Am Dienstag, 13. Dezember 2005 14:22 schrieben Sie:
> > > In real world situation your KMP will always be fastest on average.
> > > I like that we are not using C arrays as then we have advantage
> > > of lazyness and save on memory usage. C++ program will be faster
> > > on shorter strings but on this large strings will loose due memory
> > > latency. and with your test, both programs are very fast.

Yesterday, I did the unspeakable -- I wrote a C-version.

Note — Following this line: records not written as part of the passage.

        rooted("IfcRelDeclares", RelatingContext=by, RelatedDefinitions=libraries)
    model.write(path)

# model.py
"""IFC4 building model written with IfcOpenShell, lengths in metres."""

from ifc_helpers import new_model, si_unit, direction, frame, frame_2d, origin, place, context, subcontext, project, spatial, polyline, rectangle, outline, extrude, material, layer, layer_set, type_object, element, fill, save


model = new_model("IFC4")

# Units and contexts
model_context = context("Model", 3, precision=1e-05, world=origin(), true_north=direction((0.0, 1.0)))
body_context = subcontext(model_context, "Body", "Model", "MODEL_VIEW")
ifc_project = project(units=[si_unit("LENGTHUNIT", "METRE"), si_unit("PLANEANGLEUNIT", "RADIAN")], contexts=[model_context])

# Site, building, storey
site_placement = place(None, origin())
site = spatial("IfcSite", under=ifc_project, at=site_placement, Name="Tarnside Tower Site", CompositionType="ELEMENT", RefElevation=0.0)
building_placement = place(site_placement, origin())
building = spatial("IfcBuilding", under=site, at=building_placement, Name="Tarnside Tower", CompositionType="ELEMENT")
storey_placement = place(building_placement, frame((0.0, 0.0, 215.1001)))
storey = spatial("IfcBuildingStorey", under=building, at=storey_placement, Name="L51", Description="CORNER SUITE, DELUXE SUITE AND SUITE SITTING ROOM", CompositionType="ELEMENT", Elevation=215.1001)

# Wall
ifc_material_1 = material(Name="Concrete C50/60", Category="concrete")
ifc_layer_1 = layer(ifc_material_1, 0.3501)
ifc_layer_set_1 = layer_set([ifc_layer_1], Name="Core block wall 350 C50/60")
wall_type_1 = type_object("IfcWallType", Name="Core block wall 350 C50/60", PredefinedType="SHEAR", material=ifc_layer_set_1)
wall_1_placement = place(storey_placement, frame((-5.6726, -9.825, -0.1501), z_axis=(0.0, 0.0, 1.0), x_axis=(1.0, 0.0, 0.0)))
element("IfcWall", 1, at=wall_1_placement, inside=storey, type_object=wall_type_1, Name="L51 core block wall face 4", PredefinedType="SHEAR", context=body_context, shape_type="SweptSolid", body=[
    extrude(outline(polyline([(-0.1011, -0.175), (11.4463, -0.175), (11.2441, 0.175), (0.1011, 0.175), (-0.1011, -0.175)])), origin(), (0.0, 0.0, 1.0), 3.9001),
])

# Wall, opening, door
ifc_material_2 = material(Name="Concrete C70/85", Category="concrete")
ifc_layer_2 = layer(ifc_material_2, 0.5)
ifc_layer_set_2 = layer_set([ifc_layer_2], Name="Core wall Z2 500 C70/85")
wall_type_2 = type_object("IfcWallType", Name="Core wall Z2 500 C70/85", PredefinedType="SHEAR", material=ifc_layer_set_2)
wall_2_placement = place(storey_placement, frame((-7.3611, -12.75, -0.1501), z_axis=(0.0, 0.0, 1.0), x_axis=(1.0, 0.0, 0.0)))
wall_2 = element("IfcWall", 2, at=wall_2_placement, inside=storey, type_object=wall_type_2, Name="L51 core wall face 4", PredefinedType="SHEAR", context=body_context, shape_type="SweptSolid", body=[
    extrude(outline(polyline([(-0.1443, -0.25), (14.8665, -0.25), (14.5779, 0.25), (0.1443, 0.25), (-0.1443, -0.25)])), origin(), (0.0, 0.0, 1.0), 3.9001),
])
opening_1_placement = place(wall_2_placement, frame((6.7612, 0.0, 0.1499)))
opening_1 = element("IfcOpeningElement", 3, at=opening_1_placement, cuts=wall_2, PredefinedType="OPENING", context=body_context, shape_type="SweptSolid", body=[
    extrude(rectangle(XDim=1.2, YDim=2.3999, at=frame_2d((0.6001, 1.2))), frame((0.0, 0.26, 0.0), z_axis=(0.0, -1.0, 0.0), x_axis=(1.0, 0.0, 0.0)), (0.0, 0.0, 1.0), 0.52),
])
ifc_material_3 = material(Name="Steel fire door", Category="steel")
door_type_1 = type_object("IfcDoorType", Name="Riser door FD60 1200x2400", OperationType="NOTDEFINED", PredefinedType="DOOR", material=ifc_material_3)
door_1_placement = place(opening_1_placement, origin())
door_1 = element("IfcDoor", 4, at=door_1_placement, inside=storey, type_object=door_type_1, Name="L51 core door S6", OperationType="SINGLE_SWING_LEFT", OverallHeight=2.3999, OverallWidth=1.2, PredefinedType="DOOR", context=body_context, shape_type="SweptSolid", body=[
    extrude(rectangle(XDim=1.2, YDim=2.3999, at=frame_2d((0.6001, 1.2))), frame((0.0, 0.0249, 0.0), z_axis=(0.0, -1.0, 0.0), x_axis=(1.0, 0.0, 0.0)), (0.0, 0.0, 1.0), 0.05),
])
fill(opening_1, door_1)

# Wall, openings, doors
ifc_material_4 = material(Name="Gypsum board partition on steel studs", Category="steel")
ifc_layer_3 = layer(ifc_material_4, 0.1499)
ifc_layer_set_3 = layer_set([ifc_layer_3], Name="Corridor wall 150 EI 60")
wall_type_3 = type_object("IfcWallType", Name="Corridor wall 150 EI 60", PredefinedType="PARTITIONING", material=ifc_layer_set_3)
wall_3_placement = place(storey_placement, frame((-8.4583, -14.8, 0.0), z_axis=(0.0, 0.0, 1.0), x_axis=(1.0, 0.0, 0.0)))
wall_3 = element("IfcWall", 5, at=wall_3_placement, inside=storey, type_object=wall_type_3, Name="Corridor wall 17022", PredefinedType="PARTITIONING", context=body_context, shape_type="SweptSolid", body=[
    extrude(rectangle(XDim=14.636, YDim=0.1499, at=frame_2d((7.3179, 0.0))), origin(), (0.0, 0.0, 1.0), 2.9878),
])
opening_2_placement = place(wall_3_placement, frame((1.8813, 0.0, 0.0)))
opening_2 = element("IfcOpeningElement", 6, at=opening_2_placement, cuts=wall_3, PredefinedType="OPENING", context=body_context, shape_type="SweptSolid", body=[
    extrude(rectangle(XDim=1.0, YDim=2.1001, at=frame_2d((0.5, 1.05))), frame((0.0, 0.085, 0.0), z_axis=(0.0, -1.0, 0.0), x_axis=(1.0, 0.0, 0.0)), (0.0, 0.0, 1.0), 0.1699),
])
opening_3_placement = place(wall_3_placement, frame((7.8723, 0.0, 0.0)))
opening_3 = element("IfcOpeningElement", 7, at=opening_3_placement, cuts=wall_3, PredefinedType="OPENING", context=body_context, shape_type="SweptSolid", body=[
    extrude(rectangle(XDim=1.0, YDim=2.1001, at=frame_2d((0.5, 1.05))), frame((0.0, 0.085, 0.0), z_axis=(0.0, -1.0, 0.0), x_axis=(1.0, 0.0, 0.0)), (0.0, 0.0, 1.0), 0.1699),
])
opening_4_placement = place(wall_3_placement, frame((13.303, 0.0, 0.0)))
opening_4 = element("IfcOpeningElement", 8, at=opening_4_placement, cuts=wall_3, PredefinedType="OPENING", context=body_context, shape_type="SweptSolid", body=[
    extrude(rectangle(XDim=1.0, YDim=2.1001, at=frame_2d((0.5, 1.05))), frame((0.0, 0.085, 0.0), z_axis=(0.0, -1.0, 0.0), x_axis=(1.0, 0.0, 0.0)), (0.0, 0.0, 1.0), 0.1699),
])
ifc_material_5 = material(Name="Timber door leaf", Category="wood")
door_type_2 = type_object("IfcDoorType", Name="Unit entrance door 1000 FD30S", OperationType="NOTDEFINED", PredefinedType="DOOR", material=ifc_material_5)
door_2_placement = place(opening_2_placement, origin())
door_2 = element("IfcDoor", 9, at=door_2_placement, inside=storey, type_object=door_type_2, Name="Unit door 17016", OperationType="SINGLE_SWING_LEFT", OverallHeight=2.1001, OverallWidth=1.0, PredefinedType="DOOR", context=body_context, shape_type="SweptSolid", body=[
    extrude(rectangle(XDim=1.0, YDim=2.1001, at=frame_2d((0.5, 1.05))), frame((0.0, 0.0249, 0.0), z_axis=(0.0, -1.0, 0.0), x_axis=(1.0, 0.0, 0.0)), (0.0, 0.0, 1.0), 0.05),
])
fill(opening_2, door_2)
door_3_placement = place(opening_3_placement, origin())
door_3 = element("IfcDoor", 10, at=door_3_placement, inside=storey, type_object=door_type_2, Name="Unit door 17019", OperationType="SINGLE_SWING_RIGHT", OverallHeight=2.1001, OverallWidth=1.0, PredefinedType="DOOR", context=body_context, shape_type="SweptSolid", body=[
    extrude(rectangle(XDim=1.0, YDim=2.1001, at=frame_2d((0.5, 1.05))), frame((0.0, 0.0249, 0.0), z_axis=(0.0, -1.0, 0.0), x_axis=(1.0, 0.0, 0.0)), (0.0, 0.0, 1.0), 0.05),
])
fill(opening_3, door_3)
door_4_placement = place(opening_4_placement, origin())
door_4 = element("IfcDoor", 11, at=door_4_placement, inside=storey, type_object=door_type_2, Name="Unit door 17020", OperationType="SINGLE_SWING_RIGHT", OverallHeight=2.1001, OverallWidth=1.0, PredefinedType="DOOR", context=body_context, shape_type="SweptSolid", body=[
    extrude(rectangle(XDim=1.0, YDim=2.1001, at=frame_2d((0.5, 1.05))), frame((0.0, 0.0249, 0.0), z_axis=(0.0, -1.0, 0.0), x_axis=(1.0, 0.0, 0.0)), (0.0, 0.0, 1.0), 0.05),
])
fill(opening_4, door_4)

Smashes 
Haskell-performance for short enough Strings (factor 10 for my test, factor 
2.2 for Bane's), but once it starts swapping, we catch up, and for really 
large Strings I dare say we'd win far out.

I also managed to get my KMP still faster, using take and drop instead of 
splitAt helps a lot (Bane, the use of 'break' in my transcript of yours was 
what slowed it down, I reintroduced searchr''' and both are equal).
I'm not quite sure, whether that indeed helps, but I also chose to use 
listArray for the boxed array of borders.

Now it's
searchReplace :: String -> String -> String -> String
searchReplace "" _ str = str
searchReplace src@(c:cs) dst str = process 0 str ""
    where
      len = length src
      pat :: UArray Int Char
      pat = listArray (0,len-1) src
      bord = A.listArray (0,len) $ (-1):0:
                       [getBord (pat!i) i + 1 | i <- [1 .. len-1]]
      getBord s n
         | m < 0      = m
	 | s == pat!m = m
	 | otherwise  = getBord s m
	   where
	     m = bord A.! n
      bor :: UArray Int Int
      bor = listArray (0,len) $ A.elems bord
      getBor s n
         | m < 0 || s == pat!m = m
	 | otherwise = getBor s m
	   where
	     m = bor!n
      process n str _ | n >= len = dst ++ process 0 str ""
      process _ "" mat = reverse mat
      process 0 (s:st) _
         | s == c    = process 1 st [s]
	 | otherwise = s:process 0 st ""
      process n str@(s:st) mat
         | s == pat!n = process (n+1) st (s:mat)
	 | otherwise  =
	    case getBor s n of
	      -1 -> reverse mat ++ process 0 str ""
	      0  -> reverse mat ++ process 1 st [s]
	      j  -> reverse (drop j mat) ++ process (j+1) st (s:take j mat)

gives a speedup of roughly 10% on my box versus yesterday's version.
> > >
> > > Greetings, Bane.
> >
> >On my 256MB RAM AMD Duron 1200 MHz, Bulat's version is consistently about
> >20%
> >faster than my KMP on your test -- btw, I unboxed the pat array, which
> > gave a
> >bit of extra speed, but not much.
>
> I think that's because on your machine Bulat's version have better
> perfromance
> with CPU cache.
> I don;t know but now your version is 25% faster with my test on P4
> hyperthreaded.

Errrr, what's 'hyperthreaded' ? Unfortunately, I'm completely useless with 
computers.

>
> your new version:
> $ time srchrep.exe
> Working:seasearch replace  able seaseasearch baker seasearch charlie
> True
> Done
>
>
> real    0m8.734s
> user    0m0.015s
> sys     0m0.000s
>
> Bulat's version:
>
> bmaxa at MAXA ~/tutorial
> $ time replace1.exe
> Working:seasearch replace  able seaseasearch baker seasearch charlie
> True
> Done
>
>
> real    0m11.734s
> user    0m0.015s
> sys     0m0.015s
>
> 3 secs difference now.
>
> >And apologies to Sebastian Sylvan, I also included an unboxed version of
> >bord,
> >built from the boxed version, and that sped things further up -- not much,
> >again, but there it is.
>
> On my machine you got another 10-15% of boost with unboxed arrays.
>
> >I wonder about this difference, -10% on one system and +20% on another
> >system,
> >ist that normal?
>
> Different caching schemes on CPU's perhaps? different memory latencies?
> hyperthreading helps your version? more code and data, perhaps because
> of that it pays the price on your machine?
>
> Greetings, Bane.
>
Well, whatever. Upto now, on my box, Bulat's is still the fastest for your 
test -- though I've narrowed the gap quite a bit.

Cheers,
Daniel